In Süditalien sorgen derzeit heftige Unwetter für Einschränkungen im Reiseverkehr. Speziell in der Region Kalabrien sowie auf der Insel Sizilien müssen sich Reisende auf schwere Gewitter, Starkregen und hohen Wellengang einstellen. Teilweise werden Flüge umgeleitet, der Fährverkehr zwischen den Inseln der Region wurde eingestellt.

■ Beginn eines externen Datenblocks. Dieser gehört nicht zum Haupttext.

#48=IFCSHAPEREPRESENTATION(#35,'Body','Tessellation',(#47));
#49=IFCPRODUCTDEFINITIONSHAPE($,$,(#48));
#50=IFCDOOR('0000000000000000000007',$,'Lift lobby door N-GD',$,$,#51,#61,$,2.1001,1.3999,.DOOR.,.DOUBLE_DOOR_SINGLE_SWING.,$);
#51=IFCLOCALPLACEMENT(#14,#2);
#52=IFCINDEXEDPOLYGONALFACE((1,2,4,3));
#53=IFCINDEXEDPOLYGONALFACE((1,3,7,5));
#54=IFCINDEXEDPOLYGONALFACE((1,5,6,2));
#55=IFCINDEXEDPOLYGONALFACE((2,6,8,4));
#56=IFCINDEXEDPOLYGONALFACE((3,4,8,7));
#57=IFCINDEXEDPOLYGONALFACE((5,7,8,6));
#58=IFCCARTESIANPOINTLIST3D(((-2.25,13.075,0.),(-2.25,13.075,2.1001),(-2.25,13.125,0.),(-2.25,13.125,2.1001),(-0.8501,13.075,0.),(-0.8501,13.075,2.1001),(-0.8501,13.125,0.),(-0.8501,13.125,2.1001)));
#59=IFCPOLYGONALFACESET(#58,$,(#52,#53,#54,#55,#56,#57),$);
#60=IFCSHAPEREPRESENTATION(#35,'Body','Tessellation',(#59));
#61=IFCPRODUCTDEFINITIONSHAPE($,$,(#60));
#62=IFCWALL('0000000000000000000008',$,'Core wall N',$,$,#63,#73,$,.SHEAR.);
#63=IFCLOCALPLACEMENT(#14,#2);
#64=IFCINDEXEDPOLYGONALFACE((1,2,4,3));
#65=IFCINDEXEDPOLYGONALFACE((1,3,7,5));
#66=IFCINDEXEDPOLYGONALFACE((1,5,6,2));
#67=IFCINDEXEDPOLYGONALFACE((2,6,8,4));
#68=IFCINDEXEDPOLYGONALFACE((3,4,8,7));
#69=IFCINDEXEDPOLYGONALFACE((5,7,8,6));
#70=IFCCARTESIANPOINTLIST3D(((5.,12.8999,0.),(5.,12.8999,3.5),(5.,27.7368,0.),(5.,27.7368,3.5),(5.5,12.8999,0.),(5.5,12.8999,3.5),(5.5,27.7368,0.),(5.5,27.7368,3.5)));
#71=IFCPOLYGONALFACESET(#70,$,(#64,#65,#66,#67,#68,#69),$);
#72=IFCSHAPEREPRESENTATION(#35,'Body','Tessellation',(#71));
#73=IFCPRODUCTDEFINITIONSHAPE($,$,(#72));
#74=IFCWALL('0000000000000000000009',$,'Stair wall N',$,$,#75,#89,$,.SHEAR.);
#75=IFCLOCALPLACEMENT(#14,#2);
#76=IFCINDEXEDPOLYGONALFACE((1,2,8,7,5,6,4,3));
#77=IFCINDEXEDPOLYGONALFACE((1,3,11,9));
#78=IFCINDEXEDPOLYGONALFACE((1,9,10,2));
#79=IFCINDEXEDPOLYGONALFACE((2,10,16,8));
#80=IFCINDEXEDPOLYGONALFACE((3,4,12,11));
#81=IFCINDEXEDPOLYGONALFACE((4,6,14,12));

Wie der Informationsdienst A3M meldet, kommt es bereits seit dem 25. Oktober in Kalabrien und Sizilien zu schweren Unwettern, die teilweise zu Überschwemmungen führten. Diese sollen nach Angaben des Nationalen Wetterdienstes der italienischen Luftwaffe auch im Laufe des Dienstags anhalten, mit einer Wetterbesserung ist erst zum Wochenende zu rechnen. In der Folge verkehren in den betroffenen Gebieten keine Fähren mehr, Flugpassagiere müssen ebenfalls mit Verspätungen, Stornierungen und umgeleiteten Verbindungen rechnen. Insbesondere im Flugverkehr der Airports Catania und Palermo kommt es derzeit zu Störungen.
 
Rat an Reisende
 
Wer sich in Kalabrien oder Sizilien aufhält, sollte die Situation vor Ort über die lokalen Medien aufmerksam verfolgen und den Anweisungen der Behörden Folge leisten. Durch starke Regenfälle kann die Passierbarkeit der Straßen beeinträchtigt werden, es ist also ratsam, beispielsweise für die Fahrt zum Flughafen einen zusätzlichen Zeitpuffer einzuplanen. Zudem sollten sich Passagiere den Status ihrer Flugverbindung vorab von der Airline oder dem Reiseveranstalter bestätigen lassen.
 
Phänomen des „Medicane“ möglich
 
Noch die gesamte Woche sind im Süden Italiens große Regenmengen zu erwarten, die auf dem Meer zu widrigen Bedingungen und zu Lande für Überflutungen und Erdrutschen führen können. Hinzu kommen starke Winde und Orkanböen mit Spitzengeschwindigkeiten von bis zu 140 Stundenkilometern. Ab Donnerstag drohe zudem laut Wetterexperten das Phänomen eines „Medicane“, wie ein im Mittelmeer auftretender Hurrikan genannt wird. Er entsteht, wenn ein Tiefdruckgebiet über warme Gewässer zieht und sich dabei ähnlich eines Tropensturms entwickelt.